Non-small cell lung cancer (NSCLC) is the leading cause of lung cancer-related deaths worldwide. Tumor-associated macrophages (TAMs), which can be polarized into tumor-promoting M2 phenotype, overexpress folate receptor beta (FRβ) and are associated with poor prognosis in NSCLC. In addition, calpain-2 (CAPN2) is overexpressed in NSCLC and is involved in tumor growth. To improve the anticancer efficacy of drugs and reduce their side effects in the treatment of NSCLC, it is important to develop smart drug delivery systems with specific targeting ability and controlled release mechanisms. In this study, FRβ-targeted pH-sensitive liposomes were designed as carriers to ensure efficient drug delivery and acid-responsive release in NSCLC cells. Folate-mediated targeting of FRβ in M2 TAMs and NSCLC cells effectively inhibited tumor growth and the stimulus-responsive drug release reduced the toxic side effects of the drug. The combination of doxycycline (anti-CAPN2) and docetaxel (anticancer drug) showed a synergistic inhibitory effect on tumor growth by suppressing CAPN2 expression.

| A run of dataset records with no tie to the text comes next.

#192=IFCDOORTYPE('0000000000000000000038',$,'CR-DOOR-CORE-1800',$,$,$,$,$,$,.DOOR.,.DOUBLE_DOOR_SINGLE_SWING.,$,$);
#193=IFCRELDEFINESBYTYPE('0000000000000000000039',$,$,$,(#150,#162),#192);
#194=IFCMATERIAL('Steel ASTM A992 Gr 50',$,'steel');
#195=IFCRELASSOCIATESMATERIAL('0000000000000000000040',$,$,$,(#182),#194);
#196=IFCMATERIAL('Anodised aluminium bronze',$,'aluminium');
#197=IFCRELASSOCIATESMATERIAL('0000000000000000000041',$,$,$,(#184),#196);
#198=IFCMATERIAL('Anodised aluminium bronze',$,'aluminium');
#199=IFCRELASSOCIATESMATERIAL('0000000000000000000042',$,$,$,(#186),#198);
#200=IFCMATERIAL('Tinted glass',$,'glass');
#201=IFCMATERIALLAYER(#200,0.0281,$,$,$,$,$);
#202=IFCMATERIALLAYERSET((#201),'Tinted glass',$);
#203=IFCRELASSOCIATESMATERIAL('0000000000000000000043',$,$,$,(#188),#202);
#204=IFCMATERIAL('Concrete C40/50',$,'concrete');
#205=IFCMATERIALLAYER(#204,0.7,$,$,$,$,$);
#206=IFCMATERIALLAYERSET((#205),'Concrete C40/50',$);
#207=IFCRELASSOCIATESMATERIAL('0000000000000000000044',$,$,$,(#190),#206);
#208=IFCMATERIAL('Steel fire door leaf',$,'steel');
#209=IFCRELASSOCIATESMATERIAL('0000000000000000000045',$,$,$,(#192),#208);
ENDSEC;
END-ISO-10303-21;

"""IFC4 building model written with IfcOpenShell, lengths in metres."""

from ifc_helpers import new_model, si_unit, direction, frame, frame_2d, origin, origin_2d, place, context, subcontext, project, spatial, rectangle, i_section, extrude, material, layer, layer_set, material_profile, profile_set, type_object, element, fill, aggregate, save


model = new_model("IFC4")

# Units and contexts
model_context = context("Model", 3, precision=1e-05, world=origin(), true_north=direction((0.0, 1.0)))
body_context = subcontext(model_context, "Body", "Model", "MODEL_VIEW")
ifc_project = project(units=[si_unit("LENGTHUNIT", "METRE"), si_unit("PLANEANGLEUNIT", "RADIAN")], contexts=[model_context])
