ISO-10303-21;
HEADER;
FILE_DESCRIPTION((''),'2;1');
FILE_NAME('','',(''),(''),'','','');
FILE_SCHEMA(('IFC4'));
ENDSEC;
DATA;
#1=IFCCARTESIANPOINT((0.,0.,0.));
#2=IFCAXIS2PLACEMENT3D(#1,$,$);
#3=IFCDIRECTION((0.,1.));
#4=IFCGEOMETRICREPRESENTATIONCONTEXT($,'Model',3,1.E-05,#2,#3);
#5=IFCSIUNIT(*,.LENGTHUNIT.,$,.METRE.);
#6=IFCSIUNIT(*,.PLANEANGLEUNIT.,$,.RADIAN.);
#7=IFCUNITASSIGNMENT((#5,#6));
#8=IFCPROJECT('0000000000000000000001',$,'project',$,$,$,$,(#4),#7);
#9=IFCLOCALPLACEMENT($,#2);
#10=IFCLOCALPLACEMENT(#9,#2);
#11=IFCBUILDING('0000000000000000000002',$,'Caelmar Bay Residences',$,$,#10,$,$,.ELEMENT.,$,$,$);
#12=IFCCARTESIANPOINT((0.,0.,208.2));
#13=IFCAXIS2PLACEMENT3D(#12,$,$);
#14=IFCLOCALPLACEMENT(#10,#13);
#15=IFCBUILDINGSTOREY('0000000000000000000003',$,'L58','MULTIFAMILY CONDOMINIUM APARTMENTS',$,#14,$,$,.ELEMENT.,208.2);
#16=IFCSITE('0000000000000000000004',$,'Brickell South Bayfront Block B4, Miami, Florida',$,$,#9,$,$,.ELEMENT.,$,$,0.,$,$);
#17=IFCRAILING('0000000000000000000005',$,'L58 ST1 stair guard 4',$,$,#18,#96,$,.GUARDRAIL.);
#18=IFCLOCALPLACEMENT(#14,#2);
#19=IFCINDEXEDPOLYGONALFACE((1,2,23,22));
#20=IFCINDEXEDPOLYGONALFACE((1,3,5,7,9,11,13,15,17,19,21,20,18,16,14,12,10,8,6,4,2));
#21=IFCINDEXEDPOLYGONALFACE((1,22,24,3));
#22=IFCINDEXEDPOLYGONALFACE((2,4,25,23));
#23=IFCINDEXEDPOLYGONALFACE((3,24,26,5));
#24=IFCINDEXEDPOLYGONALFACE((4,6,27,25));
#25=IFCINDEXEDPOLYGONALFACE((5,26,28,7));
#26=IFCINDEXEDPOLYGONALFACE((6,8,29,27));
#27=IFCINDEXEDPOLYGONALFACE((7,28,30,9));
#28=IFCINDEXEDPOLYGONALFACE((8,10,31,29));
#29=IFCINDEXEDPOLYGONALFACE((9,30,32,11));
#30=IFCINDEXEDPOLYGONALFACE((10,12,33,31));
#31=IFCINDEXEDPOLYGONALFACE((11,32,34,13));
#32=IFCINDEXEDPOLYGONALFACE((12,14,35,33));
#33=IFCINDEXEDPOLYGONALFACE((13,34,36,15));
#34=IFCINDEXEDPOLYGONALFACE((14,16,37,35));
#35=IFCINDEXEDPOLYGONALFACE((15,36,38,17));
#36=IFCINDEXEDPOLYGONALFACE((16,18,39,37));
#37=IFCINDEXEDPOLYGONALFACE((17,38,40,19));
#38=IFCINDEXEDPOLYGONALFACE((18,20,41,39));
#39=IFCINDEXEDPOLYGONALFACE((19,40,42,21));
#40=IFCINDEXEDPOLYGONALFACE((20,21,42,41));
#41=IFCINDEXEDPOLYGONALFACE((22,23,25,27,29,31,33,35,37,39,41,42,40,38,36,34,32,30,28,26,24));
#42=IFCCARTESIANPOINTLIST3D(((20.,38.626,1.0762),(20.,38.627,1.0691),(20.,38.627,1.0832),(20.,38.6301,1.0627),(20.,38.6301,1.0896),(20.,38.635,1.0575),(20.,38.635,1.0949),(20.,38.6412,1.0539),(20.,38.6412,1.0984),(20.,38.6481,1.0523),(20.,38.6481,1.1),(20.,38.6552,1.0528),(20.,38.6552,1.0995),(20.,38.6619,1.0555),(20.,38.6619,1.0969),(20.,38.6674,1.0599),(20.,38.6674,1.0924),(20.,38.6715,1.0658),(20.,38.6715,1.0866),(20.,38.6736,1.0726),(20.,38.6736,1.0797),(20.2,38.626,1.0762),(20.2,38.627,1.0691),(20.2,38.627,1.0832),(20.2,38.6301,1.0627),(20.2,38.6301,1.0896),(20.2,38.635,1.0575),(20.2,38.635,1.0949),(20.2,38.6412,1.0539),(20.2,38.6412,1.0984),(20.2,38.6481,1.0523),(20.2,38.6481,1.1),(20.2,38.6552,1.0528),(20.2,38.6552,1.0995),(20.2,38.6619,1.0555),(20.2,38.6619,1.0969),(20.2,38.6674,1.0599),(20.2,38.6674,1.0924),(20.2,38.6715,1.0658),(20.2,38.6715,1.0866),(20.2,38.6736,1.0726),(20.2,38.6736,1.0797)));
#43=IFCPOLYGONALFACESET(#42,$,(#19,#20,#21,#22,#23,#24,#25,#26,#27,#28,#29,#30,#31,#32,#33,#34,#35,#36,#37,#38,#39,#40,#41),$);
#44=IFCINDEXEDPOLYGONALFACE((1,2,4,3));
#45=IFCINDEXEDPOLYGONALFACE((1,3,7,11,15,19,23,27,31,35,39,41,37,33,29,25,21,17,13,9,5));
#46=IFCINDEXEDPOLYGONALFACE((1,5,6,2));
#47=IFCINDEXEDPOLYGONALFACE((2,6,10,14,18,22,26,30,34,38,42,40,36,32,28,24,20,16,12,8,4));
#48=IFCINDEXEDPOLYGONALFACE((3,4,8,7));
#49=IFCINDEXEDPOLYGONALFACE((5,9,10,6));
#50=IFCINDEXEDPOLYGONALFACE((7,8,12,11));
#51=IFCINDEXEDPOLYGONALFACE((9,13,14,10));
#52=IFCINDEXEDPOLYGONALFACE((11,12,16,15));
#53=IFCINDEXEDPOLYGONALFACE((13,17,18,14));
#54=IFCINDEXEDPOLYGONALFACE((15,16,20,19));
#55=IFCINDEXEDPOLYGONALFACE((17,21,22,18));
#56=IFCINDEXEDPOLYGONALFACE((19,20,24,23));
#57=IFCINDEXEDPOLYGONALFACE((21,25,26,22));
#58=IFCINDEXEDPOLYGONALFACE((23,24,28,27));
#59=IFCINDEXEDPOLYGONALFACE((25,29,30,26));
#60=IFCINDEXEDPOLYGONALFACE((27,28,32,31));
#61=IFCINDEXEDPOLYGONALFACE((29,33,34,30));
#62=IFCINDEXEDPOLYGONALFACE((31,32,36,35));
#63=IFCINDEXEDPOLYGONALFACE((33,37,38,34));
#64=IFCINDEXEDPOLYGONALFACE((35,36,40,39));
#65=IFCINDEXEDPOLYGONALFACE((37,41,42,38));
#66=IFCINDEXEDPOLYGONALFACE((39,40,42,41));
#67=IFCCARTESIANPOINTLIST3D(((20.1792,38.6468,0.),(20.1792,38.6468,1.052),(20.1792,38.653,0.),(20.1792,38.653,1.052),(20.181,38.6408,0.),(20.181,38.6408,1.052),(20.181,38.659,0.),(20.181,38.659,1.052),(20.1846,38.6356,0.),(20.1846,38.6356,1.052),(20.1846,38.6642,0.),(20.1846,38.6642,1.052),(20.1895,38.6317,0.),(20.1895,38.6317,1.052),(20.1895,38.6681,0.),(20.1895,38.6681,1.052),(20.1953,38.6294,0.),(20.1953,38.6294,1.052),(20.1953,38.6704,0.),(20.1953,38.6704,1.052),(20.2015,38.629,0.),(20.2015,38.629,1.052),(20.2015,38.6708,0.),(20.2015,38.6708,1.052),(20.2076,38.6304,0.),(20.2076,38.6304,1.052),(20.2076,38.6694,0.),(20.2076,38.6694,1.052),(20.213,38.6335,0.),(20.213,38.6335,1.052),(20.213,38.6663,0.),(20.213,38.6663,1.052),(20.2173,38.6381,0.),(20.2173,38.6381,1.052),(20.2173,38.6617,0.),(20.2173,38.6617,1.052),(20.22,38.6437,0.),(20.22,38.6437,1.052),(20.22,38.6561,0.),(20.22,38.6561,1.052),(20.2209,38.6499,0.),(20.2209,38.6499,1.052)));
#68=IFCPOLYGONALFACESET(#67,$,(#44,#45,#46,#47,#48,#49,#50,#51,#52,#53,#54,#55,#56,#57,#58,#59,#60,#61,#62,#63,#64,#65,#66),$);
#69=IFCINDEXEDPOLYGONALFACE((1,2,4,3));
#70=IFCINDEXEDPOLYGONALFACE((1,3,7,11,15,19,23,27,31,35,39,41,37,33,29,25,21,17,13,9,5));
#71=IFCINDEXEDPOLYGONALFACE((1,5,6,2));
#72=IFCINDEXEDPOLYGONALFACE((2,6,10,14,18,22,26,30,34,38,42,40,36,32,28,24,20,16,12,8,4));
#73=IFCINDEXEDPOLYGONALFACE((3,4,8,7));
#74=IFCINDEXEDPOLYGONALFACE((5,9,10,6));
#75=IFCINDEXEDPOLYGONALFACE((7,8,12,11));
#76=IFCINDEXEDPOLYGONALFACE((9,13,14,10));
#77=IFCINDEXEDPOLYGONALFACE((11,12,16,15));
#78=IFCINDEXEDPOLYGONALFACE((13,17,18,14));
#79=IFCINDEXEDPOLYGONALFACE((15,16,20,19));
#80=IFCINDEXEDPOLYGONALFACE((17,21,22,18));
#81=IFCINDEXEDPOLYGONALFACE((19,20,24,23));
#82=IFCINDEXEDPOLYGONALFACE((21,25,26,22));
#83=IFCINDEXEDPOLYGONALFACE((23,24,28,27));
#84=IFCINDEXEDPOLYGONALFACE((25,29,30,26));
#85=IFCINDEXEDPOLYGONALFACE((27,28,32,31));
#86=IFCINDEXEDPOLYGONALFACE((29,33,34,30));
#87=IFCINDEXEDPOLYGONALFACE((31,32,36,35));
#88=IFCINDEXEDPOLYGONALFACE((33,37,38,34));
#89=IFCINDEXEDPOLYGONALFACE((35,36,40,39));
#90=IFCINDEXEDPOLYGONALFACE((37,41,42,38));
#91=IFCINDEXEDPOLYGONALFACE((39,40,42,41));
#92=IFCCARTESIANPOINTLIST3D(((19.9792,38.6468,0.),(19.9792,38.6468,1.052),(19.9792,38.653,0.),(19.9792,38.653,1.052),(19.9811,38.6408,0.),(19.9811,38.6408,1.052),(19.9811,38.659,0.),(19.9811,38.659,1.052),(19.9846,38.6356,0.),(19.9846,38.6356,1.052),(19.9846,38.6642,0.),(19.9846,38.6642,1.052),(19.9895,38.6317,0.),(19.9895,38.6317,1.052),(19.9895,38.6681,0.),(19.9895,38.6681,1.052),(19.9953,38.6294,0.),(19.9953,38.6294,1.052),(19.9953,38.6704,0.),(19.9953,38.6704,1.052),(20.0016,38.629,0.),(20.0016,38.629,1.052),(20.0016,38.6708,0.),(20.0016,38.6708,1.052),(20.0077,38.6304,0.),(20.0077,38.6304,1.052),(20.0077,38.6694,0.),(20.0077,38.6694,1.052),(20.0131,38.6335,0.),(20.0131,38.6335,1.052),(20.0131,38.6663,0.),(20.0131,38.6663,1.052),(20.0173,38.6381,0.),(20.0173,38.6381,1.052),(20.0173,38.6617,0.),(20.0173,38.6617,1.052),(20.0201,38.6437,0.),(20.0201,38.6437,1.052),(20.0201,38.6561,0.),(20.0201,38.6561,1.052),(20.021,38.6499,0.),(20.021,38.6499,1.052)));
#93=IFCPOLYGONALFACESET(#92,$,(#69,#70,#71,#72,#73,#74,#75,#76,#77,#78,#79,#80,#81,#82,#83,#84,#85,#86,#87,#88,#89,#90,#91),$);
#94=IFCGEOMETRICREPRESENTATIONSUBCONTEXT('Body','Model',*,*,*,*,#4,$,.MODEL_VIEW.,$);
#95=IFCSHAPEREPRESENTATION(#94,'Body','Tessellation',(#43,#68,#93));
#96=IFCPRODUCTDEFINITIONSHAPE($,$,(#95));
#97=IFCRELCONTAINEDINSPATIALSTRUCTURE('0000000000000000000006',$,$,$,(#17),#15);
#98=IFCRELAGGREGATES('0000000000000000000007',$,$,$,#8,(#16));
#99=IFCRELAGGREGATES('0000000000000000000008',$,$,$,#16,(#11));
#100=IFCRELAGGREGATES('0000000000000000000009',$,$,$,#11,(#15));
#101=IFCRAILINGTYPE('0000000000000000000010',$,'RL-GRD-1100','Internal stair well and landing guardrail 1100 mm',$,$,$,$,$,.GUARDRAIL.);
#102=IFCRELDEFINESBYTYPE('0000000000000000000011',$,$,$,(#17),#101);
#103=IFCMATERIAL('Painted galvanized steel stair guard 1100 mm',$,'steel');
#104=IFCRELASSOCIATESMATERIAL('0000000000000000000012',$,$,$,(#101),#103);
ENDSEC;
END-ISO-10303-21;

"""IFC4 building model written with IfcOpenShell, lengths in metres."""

from ifc_helpers import new_model, si_unit, direction, frame, origin, origin_2d, place, context, subcontext, project, spatial, circle, extrude, material, type_object, element, save


model = new_model("IFC4")

# Units and contexts
model_context = context("Model", 3, precision=1e-05, world=origin(), true_north=direction((0.0, 1.0)))
body_context = subcontext(model_context, "Body", "Model", "MODEL_VIEW")
ifc_project = project(units=[si_unit("LENGTHUNIT", "METRE"), si_unit("PLANEANGLEUNIT", "RADIAN")], contexts=[model_context])

# Site, building, storey
site_placement = place(None, origin())
site = spatial("IfcSite", under=ifc_project, at=site_placement, Name="Brickell South Bayfront Block B4, Miami, Florida", CompositionType="ELEMENT", RefElevation=0.0)
building_placement = place(site_placement, origin())
building = spatial("IfcBuilding", under=site, at=building_placement, Name="Caelmar Bay Residences", CompositionType="ELEMENT")
storey_placement = place(building_placement, frame((0.0, 0.0, 208.2)))
storey = spatial("IfcBuildingStorey", under=building, at=storey_placement, Name="L58", Description="MULTIFAMILY CONDOMINIUM APARTMENTS", CompositionType="ELEMENT", Elevation=208.2)

# Railing
ifc_material_1 = material(Name="Painted galvanized steel stair guard 1100 mm", Category="steel")
railing_type = type_object("IfcRailingType", Name="RL-GRD-1100", Description="Internal stair well and landing guardrail 1100 mm", PredefinedType="GUARDRAIL", material=ifc_material_1)
railing_placement = place(storey_placement, frame((20.2, 38.6499, 0.0)))
element("IfcRailing", 1, at=railing_placement, inside=storey, type_object=railing_type, Name="L58 ST1 stair guard 4", PredefinedType="GUARDRAIL", context=body_context, shape_type="SweptSolid", body=[
    extrude(circle(Radius=0.0239, at=origin_2d()), frame((0.0, 0.0, 1.0762), z_axis=(-1.0, 0.0, 0.0), x_axis=(0.0, -1.0, 0.0)), (0.0, 0.0, 1.0), 0.2),
    extrude(circle(Radius=0.021, at=origin_2d()), origin(), (0.0, 0.0, 1.0), 1.052),
    extrude(circle(Radius=0.021, at=origin_2d()), frame((-0.2, 0.0, 0.0)), (0.0, 0.0, 1.0), 1.052),
])

save(model, "model.ifc")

非小细胞肺癌（NSCLC）是全球肺癌相关死亡的主要原因。肿瘤相关的巨噬细胞（TAM），可以极化成促进肿瘤的M2表型，过表达叶酸受体β（FRβ），并且与NSCLC的不良预后有关。此外，钙蛋白酶2（CAPN2）在NSCLC中过表达，并参与肿瘤的生长。为了提高药物的抗癌功效并减少其在NSCLC治疗中的副作用，重要的是开发具有特定靶向能力和控释机制的智能药物递送系统。在这项研究中，针对FRβ的pH敏感脂质体被设计为载体，以确保在NSCLC细胞中有效的药物递送和酸响应释放。叶酸介导的对M2 TAM和NSCLC细胞中FRβ的靶向有效抑制了肿瘤的生长，刺激反应性药物的释放降低了该药物的毒副作用。强力霉素（抗CAPN2）和多西他赛（抗癌药）的组合通过抑制CAPN2的表达，对肿瘤的生长具有协同抑制作用。